# Forum Home Renovation Tiling  Removing screed, tiles and the adhesives! How far do you go?

## jimmijamz

Hi all, 
When the demolition guys give you a quote of $1200 for removing all tiles in your bathroom. It's a really good deal! It is back-breaking work and especially dusty... 
I am renovating my bathroom and using the ozito hammer drill. I have taken all the tiles off and at some points down to the substrate. Yes, past the tiles and past the screed/ cement bed... there are still pockets of screed left however it is like 5-10mm of the original 20-30mm bed. (see attached picture) 
My question is ... is this sufficient? Or do you need to take EVERYTHING down to the substrate including any left overs! ie. totally clean substrate of sand cement? or can you still lave those 5mm pockets???  :Yikes2:  
My second question with regards to the original wall tiles along the perimeter... Do you need to take off the adhesives pictured? Or can the tiler use this as a base for their new adhesive?   Is there an easy way to rip this off too?

----------


## commodorenut

If I was in your shoes (thankfully it was 9 & 4 years ago respectively, and I haven't had to do one since), then I'd be happy with the floor, and work up from it - providing the remnants of screed are quite solid. 
The walls however - I'd be working more on them, and at the bare minimum, getting rid of the old tile backing net.  It would be ideal to get rid of all the glue back to the base substrate, as it's likely to hold your bottom row of tiles out too far (or give you insufficient depth for new adhesive on the bottom row).

----------


## Scottythetiler

its fun isnt it .....NOT lol 
depends if you're going to waterproof the floor before the new screed or to screed then waterproof?  i have seen worse floors that then get waterproofed over.  if it were my house i'd want it taken back to nothing but apart from making me feel better, it wont be any different than screeding over what you have now.   
just make sure that whatever you do to it, the floor is dust free and primed.

----------


## jimmijamz

Thanks for the responses guys... 
What's the easiest way to get rid of the screed now? Should i still use the hammer drill? (Neighbours have complained profusely... there's 100 in the building getting the vibrations!  :Wink:  )    Or can you use a belt sander ? 
With regards to the tile net backing... is there an easy way to remove this? Is there not a sharper tool than the masonary set similar to the paint scrapers that could be attached?  
Scotty, i'm really daft, but the screed is sand cement... how can it be dust free? Or do you mean just give it a good one or twice over with vaccuum? 
Additionally, with the priming.
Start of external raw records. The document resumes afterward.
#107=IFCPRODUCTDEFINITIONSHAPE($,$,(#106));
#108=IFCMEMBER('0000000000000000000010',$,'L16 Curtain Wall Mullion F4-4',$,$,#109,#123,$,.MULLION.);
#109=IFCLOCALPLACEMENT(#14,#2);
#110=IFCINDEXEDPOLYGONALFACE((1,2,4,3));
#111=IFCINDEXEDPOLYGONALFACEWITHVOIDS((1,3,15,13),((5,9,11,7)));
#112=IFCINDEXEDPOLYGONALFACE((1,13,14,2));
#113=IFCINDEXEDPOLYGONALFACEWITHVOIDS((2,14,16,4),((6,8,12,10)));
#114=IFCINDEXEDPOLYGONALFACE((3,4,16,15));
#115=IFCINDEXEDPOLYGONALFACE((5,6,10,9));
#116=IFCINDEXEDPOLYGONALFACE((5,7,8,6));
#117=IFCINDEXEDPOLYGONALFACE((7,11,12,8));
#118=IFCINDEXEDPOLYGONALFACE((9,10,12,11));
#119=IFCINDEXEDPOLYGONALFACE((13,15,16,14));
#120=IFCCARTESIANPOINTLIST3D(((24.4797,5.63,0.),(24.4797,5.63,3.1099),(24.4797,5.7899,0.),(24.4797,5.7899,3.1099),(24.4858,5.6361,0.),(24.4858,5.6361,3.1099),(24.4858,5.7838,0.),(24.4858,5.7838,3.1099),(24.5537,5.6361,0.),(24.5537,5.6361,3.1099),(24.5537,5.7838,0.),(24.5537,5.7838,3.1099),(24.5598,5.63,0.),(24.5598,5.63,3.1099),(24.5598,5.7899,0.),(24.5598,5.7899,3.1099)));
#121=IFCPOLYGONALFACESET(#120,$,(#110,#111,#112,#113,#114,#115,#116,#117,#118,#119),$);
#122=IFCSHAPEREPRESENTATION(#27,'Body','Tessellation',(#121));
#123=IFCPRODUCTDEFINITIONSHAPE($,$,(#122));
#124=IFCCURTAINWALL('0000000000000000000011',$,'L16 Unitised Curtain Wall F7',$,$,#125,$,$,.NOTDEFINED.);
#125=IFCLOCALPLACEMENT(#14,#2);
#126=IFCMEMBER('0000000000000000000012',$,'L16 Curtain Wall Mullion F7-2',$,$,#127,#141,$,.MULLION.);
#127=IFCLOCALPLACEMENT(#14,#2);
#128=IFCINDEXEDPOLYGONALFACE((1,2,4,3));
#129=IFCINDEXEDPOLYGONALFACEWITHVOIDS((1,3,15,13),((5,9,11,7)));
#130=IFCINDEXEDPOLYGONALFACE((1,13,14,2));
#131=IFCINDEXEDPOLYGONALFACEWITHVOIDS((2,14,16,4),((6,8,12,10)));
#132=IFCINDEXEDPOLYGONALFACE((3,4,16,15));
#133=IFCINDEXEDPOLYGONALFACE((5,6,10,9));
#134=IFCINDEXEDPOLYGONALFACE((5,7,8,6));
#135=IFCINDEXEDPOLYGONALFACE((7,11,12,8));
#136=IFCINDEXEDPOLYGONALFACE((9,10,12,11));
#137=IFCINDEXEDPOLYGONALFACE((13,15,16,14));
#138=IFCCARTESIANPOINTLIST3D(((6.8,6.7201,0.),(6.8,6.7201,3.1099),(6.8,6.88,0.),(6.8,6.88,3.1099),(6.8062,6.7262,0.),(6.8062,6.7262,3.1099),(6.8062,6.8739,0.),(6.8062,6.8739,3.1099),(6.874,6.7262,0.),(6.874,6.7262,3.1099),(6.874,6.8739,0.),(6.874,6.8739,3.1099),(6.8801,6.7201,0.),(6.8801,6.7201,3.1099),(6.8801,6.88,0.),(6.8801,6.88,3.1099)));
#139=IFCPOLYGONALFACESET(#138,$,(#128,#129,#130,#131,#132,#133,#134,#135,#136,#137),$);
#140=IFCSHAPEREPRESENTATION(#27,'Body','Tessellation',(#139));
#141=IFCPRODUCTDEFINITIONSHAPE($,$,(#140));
What needs to be done there? i'm very unfamiliar with the process. I have yet to get a tiler on-board however whatever i can do now to save a bit of $ its great!

----------


## Scottythetiler

i think your neighbours just need to be understanding for 1 more crack at it mate.  as to the net backing, a brick splitter/bolster will work with a hammer quite well.  it is like a 100mm wide chisel thats not razor sharp. 
yes i just meant to vacuum whats there the best you can so that it stops flaking/rubbing away.  with the priming, either use bondcrete or for a cheaper alternative, just look for a primer at bunnings or a tile supplies shop, it'll do a similar job.  application is as basic as spreading it around with a dust pan brush.  primer will stop the current cement from sucking the moisture out of the new layer and aid will the adhesion of anything else on top of it.  it's usually a milky substance and comes in white, blue or pink (different brands etc)

----------


## jimmijamz

> i think your neighbours just need to be understanding for 1 more crack at it mate.  as to the net backing, a brick splitter/bolster will work with a hammer quite well.  it is like a 100mm wide chisel thats not razor sharp. 
> yes i just meant to vacuum whats there the best you can so that it stops flaking/rubbing away.  with the priming, either use bondcrete or for a cheaper alternative, just look for a primer at bunnings or a tile supplies shop, it'll do a similar job.  application is as basic as spreading it around with a dust pan brush.  primer will stop the current cement from sucking the moisture out of the new layer and aid will the adhesion of anything else on top of it.  it's usually a milky substance and comes in white, blue or pink (different brands etc)

  
After messing with chisels and the razor scraper, the hammer drill still works best. However it a real workout! Kudos to the guys you do this day in and out.

----------


## jimmijamz

On the same topic... i have began working on the walls..
Now the walls are even harder than removing the floor tiles... With the floors you can go crazy and rip up everything in it's way including the tiles, adhesive and screed.  
With the wall tiles... i am curious if people take it back to the concrete?
I have tried to be careful and only take off the tiles however, the tile adhesive is still sticking 2-3mm above the wall. It is too laboursome to try to get back to the rendered wall without digging into render and hitting the original concrete wall. (see pictures - i cant explain this properly?).
As you can see in the pictures it is all spotty, areas of tile fragments, areas of exposed tile adhsives, areas of render (adhesive removed) and spots where i even hit the concrete wall. 
Am i right to think, it doesn't really matter how deep you go.. the tiler SHOULD render the walls covering any adhesives, missed tiles fragments, concrete exposed walls. the only issue here is that obviously he would make the render as thicker to cover all the above. 
Otherwise... is there any issue to take it back to the concrete and re-render from there?

----------


## jimmijamz

I'll answer my own question and say that i've taken it back to the concrete. I should of done this from the start.. wasted so much time and effort .. just trying to remove the top lay of tile and adhesive. 
Just be careful though.. you may hit some pipes!!

----------


## mugatu

Hey Jimmi, I feel your pain just done a similar thing and neighbours directly above complained as they do so shift work. Well who would of thought 2pm on a Saturday people would be sleeping  :Smilie:  
Did it with the Ozito also, but paid for a new blade and tiles and glue popped off even easier. Well a few coats of paint and hopefully finished for us. Ended up taking down to brick as I've previously spent too much time on another place messing around on walls.

----------